The plot follows Edith Cushing (Mia Wasikowska), an aspiring writer and daughter of an industrialist in Buffalo, New York. She meets a dashing English baronet, Thomas Sharpe (Tom Hiddleston), and his sister Lucille (Jessica Chastain), when they two of them come to America to looking for investors for Thomas's mining invention. Edith and Thomas marry and return to the Sharpe Estate, Allerdale Hall, in Cumberland, England, where the appearance of ghosts suggests that the Sharpes hold more than a few horrible secrets.
Edith's narrative takes some of its feminist cues from Jane Eyre. Despite being swept off her feet by Sharpe, she never conforms to the "damsel in distress" archetype. She's the antithesis of Wendy Torrance, a kind of fleshed out, complex version of the "final girl" who survives with intelligence and ferocity. Even as her admirer McMicheal swoops in to Allerdale to save her, he is immediately incapacitated, leaving Edith to handily rescue both of them. As an aspiring writer, she's told by a potential publisher that because he is a woman, a love story must be added to her manuscript. She also decides to increase her chances of getting published in the Atlantic Monthly, she will submit her story as a typed document, in order to conceal her 'feminine handwriting.' At the close, we learned that Edith has used the trauma to her advantage; she had written and published a novel called Crimson Peak. She has not only saved herself, but she has also fulfilled her greatest dream. Crimson Peak allows Edith's character to mature; it's a coming of age tale in the most dire of circumstances. She remains at the emotional core throughout the film, and her rationality acts as a force of stabilization that carries us through the melodramatic extravagances of the action.

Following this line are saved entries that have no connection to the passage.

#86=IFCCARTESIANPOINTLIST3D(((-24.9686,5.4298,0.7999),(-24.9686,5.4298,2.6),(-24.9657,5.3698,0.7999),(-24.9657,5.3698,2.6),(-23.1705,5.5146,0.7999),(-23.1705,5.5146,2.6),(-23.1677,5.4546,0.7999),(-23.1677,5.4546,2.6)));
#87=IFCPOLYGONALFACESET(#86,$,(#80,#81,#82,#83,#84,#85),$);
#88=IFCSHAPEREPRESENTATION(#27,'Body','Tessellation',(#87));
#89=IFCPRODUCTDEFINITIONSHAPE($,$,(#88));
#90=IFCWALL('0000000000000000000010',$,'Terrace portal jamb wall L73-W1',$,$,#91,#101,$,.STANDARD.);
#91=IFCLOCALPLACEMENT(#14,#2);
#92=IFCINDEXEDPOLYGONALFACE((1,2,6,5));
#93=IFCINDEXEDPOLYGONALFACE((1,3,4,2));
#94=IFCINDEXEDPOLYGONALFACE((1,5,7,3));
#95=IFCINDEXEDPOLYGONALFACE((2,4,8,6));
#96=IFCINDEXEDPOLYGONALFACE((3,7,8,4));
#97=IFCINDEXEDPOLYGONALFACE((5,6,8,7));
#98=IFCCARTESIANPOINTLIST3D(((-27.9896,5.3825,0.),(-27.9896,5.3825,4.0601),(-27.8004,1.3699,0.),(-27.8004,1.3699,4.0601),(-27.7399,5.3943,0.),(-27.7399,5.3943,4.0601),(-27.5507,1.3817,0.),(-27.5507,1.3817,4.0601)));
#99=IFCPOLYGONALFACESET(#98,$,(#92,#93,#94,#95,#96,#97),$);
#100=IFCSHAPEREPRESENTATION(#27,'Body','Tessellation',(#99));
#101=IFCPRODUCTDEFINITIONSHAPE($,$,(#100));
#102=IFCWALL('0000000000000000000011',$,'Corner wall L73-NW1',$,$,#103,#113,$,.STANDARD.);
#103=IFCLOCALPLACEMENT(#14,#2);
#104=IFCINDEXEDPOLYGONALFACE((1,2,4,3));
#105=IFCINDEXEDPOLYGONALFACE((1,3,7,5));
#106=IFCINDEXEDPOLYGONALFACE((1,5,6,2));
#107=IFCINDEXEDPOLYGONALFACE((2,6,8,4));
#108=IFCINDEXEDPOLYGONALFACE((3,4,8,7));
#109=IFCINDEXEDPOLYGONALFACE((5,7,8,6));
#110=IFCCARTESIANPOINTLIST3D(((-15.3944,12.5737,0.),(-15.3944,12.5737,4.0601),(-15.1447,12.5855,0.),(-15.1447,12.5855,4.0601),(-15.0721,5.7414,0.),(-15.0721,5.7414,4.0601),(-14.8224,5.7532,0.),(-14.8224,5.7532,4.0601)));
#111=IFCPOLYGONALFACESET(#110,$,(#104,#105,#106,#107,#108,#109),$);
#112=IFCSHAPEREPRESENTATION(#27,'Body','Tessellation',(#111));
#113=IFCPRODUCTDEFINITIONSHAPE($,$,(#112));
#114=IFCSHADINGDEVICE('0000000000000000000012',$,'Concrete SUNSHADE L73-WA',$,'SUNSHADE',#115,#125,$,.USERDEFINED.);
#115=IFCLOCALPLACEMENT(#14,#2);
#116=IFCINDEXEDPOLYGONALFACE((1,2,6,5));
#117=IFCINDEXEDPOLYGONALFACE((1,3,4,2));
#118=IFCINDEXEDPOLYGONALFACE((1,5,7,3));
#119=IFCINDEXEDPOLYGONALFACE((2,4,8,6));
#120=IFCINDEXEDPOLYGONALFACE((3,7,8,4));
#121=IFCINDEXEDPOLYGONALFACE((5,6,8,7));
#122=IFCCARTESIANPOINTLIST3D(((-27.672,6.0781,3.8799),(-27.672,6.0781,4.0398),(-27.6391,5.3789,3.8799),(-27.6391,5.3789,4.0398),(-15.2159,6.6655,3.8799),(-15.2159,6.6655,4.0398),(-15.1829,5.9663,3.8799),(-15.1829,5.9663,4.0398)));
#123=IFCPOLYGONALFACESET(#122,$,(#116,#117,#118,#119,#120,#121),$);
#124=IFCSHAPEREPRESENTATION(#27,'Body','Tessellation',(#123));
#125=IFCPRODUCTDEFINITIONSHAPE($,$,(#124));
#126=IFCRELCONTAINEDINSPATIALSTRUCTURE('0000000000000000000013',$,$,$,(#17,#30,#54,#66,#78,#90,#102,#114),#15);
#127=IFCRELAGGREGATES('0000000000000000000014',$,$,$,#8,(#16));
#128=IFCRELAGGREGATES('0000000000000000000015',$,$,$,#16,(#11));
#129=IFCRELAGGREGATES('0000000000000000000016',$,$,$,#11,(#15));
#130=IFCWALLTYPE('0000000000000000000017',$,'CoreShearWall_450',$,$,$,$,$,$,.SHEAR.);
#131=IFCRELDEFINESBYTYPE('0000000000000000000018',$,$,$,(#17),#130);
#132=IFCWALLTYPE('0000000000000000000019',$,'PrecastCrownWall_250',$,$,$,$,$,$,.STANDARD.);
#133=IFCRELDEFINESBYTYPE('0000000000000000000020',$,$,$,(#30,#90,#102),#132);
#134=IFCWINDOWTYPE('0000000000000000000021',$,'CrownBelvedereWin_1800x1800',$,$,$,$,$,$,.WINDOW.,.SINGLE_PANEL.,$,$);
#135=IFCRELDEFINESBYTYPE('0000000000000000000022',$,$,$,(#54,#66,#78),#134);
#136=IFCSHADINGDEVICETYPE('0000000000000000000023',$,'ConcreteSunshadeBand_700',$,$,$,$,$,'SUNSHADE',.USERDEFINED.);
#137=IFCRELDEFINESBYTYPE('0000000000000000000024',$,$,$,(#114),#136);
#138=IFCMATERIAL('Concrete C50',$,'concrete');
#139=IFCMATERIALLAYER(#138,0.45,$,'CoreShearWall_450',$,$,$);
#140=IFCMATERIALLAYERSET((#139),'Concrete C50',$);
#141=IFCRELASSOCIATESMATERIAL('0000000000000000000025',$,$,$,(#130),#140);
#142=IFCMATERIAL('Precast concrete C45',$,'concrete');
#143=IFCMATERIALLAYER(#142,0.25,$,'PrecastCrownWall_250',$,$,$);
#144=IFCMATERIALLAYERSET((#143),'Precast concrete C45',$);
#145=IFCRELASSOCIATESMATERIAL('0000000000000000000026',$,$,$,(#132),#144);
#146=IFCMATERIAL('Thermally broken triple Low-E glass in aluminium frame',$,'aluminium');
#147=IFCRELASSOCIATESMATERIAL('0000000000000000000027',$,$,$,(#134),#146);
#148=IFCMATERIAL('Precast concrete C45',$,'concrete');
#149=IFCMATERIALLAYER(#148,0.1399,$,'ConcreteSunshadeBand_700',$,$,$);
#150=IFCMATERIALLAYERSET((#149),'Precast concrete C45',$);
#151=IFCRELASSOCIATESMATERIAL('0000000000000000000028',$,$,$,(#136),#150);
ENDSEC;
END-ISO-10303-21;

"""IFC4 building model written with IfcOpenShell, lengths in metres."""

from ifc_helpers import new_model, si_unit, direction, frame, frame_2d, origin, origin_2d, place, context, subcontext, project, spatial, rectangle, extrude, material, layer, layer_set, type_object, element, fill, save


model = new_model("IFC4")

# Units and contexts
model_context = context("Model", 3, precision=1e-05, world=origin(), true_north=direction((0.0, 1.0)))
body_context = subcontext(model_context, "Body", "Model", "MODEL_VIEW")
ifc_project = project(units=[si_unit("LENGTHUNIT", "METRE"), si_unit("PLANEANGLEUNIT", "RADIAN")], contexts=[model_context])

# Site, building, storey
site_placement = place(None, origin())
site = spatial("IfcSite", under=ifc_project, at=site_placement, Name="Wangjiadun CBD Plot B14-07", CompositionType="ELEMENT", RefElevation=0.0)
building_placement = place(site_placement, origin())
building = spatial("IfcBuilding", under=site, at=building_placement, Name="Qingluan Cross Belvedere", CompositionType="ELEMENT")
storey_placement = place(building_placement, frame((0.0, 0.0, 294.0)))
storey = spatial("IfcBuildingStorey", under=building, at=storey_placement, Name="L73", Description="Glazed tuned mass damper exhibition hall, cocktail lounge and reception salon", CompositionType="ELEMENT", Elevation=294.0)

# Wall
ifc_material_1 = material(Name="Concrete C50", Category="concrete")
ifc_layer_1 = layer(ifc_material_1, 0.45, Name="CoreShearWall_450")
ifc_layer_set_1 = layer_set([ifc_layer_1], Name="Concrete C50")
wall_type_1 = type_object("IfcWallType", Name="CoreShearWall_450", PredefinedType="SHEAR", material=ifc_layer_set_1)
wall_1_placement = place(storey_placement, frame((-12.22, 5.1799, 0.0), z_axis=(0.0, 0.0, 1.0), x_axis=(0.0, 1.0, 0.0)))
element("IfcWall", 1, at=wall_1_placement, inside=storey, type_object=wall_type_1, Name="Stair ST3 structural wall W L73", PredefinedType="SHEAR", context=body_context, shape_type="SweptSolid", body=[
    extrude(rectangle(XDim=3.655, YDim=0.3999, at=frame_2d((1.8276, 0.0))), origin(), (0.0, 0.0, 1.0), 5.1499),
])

Edith may well be the heart and soul of Crimson Peak, but the real fun lies in the melodrama- and in Jessica Chastain's campy performance as Lucille Sharpe. Chastain's Lucille is palpably demented from her first appearance on screen to her last, and she's fun to watch, a far cry from her performance in Zero Dark Thirty or A Most Violent Year. In comparison, Tom Hiddleston is nearly lifeless.
The most sucessful player in the film in not an actress (or even a ghost), it's the house itself. Beautifully dilapidated, the house is a blatant parallel to the Sharpe siblings themselves, and as Thomas Sharpe tells Edith, it even breathes with the wind and bleeds red clay. As the Sharpe's souls and fortunes wither away, so does the house itself. Of course, the decaying old estate is a stock image in haunted house horror films and literature; in this case, it borrows a little too much from Edgar Allan Poe's "The Fall of the House of Usher". What sets Allerdale Hall apart from all the rest is its meticulously elegant art direction, the result of Brandt Gordon's interpretation of del Toro's signature style. Everything is lush and decadent, the costumes made of rich, heavy fabrics, the woods dark and luxurious, the rooms airy and elegant. Once we get a closer look, however, it's apparent that everything is in a process of slow decay: dust everywhere, dead flies lying on tables, a hole in the room which allows wind, leaves, and snow inside the main hall.

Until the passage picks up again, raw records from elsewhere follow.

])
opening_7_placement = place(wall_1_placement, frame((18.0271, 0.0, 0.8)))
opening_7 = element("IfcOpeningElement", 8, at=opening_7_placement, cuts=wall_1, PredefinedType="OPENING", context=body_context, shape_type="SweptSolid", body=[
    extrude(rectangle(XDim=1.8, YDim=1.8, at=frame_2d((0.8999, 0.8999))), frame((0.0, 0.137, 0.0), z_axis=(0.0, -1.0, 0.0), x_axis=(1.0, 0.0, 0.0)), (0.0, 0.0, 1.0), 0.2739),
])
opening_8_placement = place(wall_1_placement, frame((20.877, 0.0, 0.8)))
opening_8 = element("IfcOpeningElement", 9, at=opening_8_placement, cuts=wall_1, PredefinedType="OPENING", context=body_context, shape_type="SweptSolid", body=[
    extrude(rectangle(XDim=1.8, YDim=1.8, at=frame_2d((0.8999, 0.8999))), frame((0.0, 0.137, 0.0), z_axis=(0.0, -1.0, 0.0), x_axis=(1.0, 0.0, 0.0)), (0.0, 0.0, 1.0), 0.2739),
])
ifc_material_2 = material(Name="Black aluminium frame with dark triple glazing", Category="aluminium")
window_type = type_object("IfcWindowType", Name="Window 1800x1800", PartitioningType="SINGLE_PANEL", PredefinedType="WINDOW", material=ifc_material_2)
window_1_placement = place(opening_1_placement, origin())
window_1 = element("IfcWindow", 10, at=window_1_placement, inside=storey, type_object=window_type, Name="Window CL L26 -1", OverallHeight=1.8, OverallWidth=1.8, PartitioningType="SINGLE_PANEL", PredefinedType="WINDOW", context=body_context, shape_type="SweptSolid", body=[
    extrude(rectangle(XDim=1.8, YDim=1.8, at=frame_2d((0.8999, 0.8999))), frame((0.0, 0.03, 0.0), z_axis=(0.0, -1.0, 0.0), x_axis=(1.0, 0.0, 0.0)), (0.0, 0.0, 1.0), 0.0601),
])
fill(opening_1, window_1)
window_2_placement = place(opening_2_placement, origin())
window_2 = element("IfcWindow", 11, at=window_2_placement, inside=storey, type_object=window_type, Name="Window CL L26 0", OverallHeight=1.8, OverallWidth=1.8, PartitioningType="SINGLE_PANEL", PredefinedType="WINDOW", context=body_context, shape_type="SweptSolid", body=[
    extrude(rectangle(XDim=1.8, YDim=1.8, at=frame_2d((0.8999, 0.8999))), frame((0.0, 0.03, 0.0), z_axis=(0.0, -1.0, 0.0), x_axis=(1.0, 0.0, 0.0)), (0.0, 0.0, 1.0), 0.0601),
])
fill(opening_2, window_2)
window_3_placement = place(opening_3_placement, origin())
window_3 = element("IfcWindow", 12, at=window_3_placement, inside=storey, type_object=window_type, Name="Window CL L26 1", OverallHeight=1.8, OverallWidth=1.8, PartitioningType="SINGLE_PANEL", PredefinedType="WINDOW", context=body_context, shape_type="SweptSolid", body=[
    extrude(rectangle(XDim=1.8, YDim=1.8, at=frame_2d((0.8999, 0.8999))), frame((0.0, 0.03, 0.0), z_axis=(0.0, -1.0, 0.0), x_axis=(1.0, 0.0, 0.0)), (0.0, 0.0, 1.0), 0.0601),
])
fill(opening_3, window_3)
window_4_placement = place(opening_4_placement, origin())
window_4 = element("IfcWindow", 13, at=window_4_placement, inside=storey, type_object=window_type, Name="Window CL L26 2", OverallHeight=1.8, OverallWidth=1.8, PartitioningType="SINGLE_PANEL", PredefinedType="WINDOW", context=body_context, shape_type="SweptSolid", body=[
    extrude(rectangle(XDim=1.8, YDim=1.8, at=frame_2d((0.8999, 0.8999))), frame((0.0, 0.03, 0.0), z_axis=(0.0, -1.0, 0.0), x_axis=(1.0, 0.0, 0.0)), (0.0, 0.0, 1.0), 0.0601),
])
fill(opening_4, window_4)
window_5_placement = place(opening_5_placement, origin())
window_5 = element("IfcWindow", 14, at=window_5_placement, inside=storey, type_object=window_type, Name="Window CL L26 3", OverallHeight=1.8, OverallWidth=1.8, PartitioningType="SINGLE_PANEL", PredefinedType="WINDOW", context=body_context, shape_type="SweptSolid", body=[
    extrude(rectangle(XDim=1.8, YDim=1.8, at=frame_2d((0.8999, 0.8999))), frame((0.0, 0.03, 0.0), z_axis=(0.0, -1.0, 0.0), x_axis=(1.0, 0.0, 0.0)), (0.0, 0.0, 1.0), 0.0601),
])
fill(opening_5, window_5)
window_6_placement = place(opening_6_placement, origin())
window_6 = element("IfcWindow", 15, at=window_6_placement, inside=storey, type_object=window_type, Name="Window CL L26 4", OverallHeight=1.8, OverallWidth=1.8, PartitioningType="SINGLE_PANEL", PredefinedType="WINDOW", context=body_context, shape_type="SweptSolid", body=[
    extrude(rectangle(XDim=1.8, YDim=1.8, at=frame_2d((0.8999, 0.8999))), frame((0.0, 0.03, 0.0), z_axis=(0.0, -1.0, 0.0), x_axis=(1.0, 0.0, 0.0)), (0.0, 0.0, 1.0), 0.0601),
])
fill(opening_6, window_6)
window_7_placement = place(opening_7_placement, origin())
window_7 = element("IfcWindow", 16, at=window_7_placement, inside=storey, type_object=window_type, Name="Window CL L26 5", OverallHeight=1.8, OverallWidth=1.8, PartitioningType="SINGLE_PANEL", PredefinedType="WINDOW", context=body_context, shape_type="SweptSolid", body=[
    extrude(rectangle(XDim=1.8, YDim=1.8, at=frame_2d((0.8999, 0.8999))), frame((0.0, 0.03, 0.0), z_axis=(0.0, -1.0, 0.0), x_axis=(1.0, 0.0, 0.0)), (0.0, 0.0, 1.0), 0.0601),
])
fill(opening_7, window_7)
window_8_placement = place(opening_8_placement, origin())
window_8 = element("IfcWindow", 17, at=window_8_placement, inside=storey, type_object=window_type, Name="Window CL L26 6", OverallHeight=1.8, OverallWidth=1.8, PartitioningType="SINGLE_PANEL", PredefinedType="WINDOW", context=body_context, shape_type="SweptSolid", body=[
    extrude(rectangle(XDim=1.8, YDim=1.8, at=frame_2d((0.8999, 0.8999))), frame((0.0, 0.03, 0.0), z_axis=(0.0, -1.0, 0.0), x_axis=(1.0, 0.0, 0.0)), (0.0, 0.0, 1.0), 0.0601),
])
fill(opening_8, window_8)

The ghosts in the film are as richly designed as the sets.They are played by actors (Doug Jones and Javier Botet) , whose performances are augmented with CGI in post production. They appear in bold red and black, and they have a skin-like texture that is reminiscent of the flesh that they once had, which grounds them in a strange kind of reality. They are grotesque and terrifying, but by reminding the audience that they were once human, they elicit the kind of empathy required to make their appearance truly effective.
The plot of Crimson Peak has a melodramatic, everything-but-the-kitchen-sink flair that, although tremendous fun, materializes out of (almost) nowhere from the romance of the first half of the film. It's hard to say if the film would have been improved by omitting the first act entirely, but its slow pace and sickly sweet attitude did drag it down. It's certainly a mistake for del Toro to dispense so much information so early and so haphazardly. Several rather clumsy conversations between the Sharpes indicate that these two do have some kind of malevolent plan to steal Edith's inheritance, and it's no surprise when one of them appears to brutally murder Edith's father. We're never really allowed to participate in Edith's investigations, because we know far too much far too early. The dramatic irony del Toro employs lessens the blow of the real secret, and the revelation is much less shocking than intended.

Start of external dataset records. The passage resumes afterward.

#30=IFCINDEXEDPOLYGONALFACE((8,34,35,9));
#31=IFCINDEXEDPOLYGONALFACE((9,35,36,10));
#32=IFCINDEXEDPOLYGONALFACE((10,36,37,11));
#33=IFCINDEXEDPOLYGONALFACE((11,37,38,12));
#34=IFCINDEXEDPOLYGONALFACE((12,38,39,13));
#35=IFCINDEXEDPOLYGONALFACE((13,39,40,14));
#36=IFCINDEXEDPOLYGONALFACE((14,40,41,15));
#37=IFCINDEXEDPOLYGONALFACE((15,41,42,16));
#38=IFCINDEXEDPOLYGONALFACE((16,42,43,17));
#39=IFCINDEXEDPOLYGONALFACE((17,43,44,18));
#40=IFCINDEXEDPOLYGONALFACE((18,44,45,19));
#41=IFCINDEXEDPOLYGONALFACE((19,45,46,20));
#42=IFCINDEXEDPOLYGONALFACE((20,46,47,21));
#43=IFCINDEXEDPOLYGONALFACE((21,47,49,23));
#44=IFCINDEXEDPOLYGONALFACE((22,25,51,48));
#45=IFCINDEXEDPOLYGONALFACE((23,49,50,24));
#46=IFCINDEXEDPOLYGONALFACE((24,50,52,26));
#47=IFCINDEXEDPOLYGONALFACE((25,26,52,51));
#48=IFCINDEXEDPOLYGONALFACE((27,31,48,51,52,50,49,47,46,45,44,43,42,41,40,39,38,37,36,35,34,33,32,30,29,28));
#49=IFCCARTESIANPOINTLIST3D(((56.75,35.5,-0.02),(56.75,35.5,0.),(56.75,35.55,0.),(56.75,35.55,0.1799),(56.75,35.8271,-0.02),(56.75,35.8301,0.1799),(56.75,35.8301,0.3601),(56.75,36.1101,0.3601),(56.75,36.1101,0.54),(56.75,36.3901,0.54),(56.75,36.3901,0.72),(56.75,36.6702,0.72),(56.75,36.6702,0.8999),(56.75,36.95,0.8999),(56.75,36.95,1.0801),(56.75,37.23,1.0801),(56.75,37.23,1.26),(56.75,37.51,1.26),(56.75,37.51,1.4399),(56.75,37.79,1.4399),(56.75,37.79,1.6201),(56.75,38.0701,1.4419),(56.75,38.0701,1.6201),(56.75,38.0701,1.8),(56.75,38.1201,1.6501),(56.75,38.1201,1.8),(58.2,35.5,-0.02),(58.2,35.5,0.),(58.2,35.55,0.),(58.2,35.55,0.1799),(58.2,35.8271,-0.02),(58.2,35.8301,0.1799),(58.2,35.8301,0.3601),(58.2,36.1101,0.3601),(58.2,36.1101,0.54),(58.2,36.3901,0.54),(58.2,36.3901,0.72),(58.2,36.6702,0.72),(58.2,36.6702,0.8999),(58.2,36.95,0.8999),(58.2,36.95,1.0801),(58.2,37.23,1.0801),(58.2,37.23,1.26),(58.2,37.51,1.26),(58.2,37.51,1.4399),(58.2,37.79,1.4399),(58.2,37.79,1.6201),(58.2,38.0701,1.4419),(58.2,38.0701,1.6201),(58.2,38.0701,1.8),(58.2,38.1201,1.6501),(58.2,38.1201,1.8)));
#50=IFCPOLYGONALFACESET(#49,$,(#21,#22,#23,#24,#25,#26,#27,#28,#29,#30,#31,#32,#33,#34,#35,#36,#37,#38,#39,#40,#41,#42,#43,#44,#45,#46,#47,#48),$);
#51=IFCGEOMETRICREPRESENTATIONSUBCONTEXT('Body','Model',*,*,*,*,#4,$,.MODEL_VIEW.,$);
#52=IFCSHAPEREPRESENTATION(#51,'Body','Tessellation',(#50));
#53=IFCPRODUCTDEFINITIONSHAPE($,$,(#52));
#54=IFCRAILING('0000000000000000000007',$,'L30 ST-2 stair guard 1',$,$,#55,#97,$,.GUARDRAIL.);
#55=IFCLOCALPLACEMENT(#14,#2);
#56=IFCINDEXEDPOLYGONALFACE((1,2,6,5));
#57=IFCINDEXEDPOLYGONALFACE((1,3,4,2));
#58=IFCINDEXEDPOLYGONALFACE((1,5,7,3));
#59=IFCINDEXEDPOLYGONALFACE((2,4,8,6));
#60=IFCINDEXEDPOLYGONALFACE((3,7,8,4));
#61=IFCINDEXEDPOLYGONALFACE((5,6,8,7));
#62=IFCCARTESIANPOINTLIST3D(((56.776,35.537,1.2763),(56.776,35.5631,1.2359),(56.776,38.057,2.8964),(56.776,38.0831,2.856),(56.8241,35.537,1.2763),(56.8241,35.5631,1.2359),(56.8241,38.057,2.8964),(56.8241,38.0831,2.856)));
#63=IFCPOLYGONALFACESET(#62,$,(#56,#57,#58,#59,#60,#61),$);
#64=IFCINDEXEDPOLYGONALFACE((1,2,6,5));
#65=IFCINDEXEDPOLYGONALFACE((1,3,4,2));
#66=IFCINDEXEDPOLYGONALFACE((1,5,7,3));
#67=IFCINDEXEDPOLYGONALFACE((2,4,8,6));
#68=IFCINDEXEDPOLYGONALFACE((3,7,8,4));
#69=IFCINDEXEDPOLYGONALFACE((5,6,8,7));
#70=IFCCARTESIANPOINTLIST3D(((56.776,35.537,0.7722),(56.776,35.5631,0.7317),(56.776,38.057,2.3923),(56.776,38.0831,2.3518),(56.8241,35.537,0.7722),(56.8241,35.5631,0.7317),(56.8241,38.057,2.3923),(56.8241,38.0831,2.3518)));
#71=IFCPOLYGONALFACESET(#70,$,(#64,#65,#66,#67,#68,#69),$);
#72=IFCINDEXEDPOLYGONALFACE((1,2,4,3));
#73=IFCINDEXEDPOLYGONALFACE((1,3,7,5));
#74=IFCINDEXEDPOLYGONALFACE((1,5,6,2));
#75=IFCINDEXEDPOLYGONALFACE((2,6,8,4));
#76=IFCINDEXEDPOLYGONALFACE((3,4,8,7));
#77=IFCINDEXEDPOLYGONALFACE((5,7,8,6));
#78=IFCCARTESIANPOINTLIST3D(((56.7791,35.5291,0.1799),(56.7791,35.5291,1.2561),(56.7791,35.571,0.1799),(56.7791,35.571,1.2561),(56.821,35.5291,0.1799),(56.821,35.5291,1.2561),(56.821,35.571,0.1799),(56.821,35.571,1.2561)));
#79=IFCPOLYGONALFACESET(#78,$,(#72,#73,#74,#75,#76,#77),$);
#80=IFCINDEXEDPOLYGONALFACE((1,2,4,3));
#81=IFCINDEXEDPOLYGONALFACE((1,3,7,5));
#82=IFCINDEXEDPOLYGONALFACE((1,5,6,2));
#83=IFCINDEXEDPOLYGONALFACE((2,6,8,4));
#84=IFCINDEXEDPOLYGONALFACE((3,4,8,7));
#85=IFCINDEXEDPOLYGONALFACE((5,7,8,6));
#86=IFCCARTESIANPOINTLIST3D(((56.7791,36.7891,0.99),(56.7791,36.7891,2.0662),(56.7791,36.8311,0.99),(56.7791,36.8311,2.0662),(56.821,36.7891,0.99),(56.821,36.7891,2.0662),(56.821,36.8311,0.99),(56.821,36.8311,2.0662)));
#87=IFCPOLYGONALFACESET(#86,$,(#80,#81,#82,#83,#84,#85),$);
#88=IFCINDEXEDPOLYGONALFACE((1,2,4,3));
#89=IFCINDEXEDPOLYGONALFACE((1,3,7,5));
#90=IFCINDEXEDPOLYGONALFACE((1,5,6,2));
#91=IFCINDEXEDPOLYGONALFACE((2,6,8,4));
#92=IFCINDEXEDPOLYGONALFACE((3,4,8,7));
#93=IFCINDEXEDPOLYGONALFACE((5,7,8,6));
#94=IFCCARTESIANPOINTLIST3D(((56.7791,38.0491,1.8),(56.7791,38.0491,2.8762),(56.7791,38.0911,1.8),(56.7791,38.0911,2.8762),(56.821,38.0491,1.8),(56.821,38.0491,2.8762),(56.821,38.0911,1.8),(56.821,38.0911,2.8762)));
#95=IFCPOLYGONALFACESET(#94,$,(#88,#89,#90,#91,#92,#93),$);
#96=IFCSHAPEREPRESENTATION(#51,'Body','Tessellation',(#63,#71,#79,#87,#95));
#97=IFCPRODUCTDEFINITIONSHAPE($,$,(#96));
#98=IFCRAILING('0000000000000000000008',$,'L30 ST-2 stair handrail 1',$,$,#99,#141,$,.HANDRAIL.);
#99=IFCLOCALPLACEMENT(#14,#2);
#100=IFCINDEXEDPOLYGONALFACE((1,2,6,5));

Despite this, Crimson Peak's brutal conclusion is engaging and, most of all, great, campy fun, especially in contrast with the slow, emotional opening act. When Edith stabs Lucille with the ball point pen her father had given her, it's a gleefully satisfying act of revenge, as well as a not so subtle metaphor. Weapons are wielded (knives, shovels, cleavers), blood is spilled, and villains are vanquished, and result is extremely gratifying.
Crimson Peak is clearly a del Toro passion project, and it's a wonder that a studio consented to finance this decidedly non-commercial enterprise. Despite its self-indulgent melodrama and wild fluctuations in tone, Crimson Peak is a fun, imaginative, and absolutely gorgeous ride, and definitely warrants a viewing before it leaves theaters.